The Decorator design pattern was chosen as the most appropriate solution for the problem
of pluggable learning algorithms to neural networks, because it was concluded to best compromise
between simplicity and efficiency. In this application domain, only one extension is used at the
same time, for other applications another alternative might be better. For example, the Extension
Objects design pattern could be successfully applied in a design of a computer game, where
characters gain many new abilities when they find some artefacts and lose them when the artefacts
are lost. On the other hand, the External Map is irreplaceable when the extension concerns objects
from a given, closed for changes library, when absolutely no assumptions can be made about them
while the library is developed. Figure 8 shows the final class structure derived from the evaluation.

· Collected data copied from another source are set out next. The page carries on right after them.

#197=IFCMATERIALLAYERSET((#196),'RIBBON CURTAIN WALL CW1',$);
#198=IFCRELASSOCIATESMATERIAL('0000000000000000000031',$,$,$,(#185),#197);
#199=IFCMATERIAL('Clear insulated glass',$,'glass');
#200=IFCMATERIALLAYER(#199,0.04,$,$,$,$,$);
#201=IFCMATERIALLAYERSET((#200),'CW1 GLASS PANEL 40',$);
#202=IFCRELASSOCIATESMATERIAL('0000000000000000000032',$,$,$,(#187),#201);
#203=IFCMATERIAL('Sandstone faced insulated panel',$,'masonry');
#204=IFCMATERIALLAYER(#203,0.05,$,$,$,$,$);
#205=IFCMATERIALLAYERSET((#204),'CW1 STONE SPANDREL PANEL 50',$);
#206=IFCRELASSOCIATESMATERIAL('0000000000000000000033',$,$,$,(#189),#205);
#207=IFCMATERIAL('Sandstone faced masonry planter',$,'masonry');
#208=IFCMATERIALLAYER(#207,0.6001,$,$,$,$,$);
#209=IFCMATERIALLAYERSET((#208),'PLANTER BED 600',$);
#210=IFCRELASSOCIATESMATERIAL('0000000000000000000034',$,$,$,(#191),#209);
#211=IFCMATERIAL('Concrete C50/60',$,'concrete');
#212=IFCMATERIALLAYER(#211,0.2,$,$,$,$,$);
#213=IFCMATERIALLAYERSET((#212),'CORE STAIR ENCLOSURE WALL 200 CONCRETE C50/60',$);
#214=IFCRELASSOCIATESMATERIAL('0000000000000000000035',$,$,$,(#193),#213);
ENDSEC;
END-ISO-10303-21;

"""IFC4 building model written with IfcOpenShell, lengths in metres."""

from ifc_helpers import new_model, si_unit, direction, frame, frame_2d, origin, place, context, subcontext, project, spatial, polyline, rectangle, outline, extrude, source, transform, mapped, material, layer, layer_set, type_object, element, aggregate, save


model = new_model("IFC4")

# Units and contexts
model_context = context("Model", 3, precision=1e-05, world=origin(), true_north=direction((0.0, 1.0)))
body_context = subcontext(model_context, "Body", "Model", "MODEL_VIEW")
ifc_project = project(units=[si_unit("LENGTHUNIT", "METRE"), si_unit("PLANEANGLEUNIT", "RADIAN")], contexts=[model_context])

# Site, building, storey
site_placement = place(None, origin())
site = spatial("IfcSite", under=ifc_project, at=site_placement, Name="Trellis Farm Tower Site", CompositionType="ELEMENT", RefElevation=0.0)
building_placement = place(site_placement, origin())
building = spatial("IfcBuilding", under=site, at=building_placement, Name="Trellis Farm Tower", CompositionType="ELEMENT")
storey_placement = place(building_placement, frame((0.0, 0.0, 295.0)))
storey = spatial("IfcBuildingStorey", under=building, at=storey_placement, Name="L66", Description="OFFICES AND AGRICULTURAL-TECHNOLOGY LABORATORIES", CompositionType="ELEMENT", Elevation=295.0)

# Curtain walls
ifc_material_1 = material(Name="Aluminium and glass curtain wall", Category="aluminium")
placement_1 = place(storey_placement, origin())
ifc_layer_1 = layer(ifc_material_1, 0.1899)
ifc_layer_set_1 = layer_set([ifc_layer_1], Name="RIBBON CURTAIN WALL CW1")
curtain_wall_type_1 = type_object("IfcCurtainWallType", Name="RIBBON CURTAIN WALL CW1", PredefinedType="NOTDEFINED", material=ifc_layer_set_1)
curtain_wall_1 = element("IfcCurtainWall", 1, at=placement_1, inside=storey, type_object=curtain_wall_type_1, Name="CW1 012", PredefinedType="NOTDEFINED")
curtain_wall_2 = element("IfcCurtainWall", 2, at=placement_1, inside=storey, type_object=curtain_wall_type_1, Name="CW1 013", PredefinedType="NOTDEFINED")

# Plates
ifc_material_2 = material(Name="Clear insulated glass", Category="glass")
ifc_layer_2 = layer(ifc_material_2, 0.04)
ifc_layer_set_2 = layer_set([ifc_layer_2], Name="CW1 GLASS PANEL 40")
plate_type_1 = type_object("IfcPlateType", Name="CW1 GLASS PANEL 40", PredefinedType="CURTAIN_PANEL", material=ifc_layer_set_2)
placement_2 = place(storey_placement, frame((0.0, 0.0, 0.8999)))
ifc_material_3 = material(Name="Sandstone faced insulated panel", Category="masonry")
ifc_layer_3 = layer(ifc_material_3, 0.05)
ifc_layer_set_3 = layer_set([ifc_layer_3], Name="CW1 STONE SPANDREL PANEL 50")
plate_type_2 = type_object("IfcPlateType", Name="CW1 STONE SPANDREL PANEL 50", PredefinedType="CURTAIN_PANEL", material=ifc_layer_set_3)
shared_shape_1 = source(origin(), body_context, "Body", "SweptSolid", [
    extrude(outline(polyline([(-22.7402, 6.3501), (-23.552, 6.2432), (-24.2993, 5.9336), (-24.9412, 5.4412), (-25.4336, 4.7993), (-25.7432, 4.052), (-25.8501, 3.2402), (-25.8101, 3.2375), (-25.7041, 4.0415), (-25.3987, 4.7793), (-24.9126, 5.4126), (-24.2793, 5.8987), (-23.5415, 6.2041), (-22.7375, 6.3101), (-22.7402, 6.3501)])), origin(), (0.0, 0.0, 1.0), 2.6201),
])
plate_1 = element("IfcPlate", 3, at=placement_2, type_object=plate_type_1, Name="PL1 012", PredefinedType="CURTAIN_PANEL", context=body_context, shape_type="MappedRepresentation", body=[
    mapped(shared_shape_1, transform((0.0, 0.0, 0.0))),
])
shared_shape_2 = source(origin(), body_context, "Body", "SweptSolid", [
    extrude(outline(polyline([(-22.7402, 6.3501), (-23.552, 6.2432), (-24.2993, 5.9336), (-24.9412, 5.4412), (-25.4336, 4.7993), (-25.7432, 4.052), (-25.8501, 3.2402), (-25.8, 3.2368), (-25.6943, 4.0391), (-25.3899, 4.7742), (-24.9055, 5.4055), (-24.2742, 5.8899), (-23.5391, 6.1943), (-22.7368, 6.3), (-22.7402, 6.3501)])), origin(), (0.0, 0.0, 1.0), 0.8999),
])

6 Implementation of the error-backpropagation algorithm
This section describes the implementation of the classic error-backpropagation learning
algorithm. The error-backpropagation algorithm (with momentum ) is implemented in the
BackpropAlgorithm class. This class has a method named attachNetwork(), which has to be
invoked with the network that has to be trained. Inside this method, the Decorator design pattern is
being applied, i.e. the objects of layers from the network are being replaced by their decorated
versions. Then the initNetwork() method should be called to set the weights and biases to
random values. After this the training can be performed using the train() method. When the
training is finished, the added algorithm can be removed from the network with
detachNetwork() method call.
The decorated layer class has some additional methods that the learning algorithm calls.

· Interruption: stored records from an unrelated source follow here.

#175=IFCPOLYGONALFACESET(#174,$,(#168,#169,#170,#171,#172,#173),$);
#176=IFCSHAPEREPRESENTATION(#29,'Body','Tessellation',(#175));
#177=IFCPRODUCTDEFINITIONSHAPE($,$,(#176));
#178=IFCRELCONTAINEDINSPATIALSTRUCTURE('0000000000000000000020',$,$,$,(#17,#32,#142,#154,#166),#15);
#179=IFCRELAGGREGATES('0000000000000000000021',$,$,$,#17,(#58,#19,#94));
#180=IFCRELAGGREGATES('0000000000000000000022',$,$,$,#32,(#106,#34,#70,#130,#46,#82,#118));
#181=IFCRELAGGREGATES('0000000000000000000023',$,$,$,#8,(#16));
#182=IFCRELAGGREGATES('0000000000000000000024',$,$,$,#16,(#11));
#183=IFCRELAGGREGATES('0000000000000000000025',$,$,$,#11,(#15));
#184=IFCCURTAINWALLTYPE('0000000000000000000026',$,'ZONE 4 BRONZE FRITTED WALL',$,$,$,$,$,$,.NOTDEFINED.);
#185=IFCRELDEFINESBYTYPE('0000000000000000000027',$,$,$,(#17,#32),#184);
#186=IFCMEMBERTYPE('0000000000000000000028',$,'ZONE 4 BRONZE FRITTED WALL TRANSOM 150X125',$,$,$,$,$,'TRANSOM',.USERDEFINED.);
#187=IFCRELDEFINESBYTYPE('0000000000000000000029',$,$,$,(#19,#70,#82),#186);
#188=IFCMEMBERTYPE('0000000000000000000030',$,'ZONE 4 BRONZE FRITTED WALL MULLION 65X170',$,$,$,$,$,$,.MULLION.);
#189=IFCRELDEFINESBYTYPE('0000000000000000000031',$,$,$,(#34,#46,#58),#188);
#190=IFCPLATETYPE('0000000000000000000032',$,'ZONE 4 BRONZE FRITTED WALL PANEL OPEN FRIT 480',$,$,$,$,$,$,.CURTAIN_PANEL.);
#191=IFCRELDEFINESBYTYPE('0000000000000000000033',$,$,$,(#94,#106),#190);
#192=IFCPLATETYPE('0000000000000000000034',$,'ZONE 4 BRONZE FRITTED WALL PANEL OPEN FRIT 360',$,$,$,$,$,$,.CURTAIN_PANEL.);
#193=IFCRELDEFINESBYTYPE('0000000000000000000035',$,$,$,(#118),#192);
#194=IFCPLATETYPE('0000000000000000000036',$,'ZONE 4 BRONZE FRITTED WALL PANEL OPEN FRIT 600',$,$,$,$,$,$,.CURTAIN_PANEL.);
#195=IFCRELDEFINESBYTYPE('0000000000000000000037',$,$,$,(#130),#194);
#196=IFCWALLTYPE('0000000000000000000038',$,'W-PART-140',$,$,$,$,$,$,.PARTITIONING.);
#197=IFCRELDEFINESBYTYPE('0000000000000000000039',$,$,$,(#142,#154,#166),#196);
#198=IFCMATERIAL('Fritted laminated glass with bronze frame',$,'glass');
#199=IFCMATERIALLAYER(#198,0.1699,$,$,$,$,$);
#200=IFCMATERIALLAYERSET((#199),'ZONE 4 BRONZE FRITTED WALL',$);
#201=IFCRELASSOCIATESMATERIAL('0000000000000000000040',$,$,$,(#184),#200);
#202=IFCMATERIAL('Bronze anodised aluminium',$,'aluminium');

Unfortunately, the layers are accessible via the NeuralNetwork class only by their basic interface
(Layer class), while what is needed is the extended interface (LearningLayer class). Thus, for the
purpose of code clarity and to avoid explicit down-casting, the exact pointers to the extended layer
objects are remembered in the algorithm class. This is clearly a repetition, so it breaks the “Do not
Page 14 of 23
Czardybon, Nolle
repeat yourself” rule, but it was concluded that the better clarity justifies this.
7 NeuralLab facade
The guidelines of good object-oriented design imply that an application programmer has
to manage several classes. This is a flexible solution, but not necessary the easiest one for the
programmer in some situations. It is expected that most of the programmers will at the beginning
want to make some experiments with the library to check its capabilities or to quickly check if the
neural networks are able to solve their problems. For this purpose, a simplified easy-to-use all-inone NeuralLab wrapper class was introduced. It is intended for the situation when one wants to
experiment with a neural network with the error-backpropagation algorithm using two data sets: a
training set and a testing set. There are also methods for direct error and correlation retrieval.
8 Discussion
Other object-oriented libraries for neutral networks are available. In this section they are
compared with the NTUNE library with a special emphasis put on the design of general structure
and the separation of learning algorithms.

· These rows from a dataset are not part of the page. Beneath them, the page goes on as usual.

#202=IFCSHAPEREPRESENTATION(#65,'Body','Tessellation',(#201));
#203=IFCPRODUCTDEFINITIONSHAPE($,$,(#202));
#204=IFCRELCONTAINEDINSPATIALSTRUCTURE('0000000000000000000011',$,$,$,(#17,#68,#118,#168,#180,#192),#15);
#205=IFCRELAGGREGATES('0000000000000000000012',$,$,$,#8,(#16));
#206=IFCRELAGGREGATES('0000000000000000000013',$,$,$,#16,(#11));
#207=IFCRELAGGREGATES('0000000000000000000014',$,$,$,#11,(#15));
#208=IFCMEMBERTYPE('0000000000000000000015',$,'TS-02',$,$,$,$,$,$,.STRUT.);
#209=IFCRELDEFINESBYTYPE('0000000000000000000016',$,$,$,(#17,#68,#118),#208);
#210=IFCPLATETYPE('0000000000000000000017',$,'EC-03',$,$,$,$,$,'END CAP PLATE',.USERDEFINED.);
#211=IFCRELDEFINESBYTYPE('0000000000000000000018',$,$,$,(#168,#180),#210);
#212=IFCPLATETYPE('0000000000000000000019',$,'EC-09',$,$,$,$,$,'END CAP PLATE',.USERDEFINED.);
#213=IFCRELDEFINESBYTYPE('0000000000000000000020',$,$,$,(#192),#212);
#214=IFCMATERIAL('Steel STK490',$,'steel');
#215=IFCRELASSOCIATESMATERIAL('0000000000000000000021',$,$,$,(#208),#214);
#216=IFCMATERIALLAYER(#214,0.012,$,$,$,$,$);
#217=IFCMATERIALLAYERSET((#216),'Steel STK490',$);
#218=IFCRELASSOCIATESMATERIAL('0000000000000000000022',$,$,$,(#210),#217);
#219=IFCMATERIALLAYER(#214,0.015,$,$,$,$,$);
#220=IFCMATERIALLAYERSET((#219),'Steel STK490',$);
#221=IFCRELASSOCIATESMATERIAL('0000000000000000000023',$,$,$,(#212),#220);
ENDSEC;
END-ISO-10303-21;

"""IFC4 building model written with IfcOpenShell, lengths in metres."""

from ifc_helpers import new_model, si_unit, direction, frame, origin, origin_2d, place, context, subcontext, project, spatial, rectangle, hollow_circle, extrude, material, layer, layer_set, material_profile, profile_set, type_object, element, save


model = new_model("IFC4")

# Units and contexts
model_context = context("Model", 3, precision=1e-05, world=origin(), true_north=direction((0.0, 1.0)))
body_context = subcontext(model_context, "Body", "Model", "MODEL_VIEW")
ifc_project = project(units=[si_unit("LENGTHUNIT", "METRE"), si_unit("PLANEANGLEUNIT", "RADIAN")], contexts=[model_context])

In the approach presented in [12], the smallest object is neuron, not a layer, and there is
an explicit class for links. This makes design much more general, i.e. neural networks of very
different architectures can by created, because there can be various types of neurons and links
derived. However, there is a need to maintain much more objects and even the objects of links,
that could have been expressed implicitly, have to be explicitly created. To implement various
architectures and various learning algorithms new classes for nodes (neurons) and links are
derived from more general ones. This way the learning algorithms can be somehow separated from
the structure (the structure is in the base class, the algorithm is in the derived one), but this is an
example of a statically oriented solution, i.e. the learning algorithm cannot be dynamically added,
removed or exchanged. Once chosen for a network, an algorithm (and its data) cannot be easily
changed or removed after the training.
JOONE [15] is an object-oriented neural network library written in Java. It introduces
layer as the smallest object similarly as NTUNE does. An interesting solution was used for
representing links: the links are grouped into synapses exactly like the neurons are grouped into
layers. This allows constructing networks of various architectures, not only the multi-layer feedforward ones. Being similar (although more general) in overall design to the NTUNE, JOONE
does not separate learning algorithms from the structure of the networks, i.e. the learning
procedures are build in the layers objects. Furthermore, the design is oriented on gradient-based
Page 15 of 23
Czardybon, Nolle
methods not allowing to implement other types of methods, like simulated annealing, etc. It is
clearly visible even in the library itself in the WinnerTakeAll layer class the backward method
intended for overriding for learning purposes is “not implemented / not required” showing that the
design of the basic abstract layer class is appropriate only for one of several classes of learning
algorithms. Of course, arbitrary learning methods can be implemented by extending general
classes, but it cannot be done elegantly, there will always be some methods and even some data
inherited, that are intended for the gradient-based methods.
NEURObjects [16] is a library written in C++, which uses a completely different class
hierarchy. Its main inheritance schema assumes that a two-layer network is a specialisation of a
one-layer network; a three-layer network is a specialisation of a two-layer network, etc. Such
approach was avoided in the NTUNE library, because it was observed that the number of layers is
only a parameter of a network, and the three-layer network is not a specialization of two-layer one.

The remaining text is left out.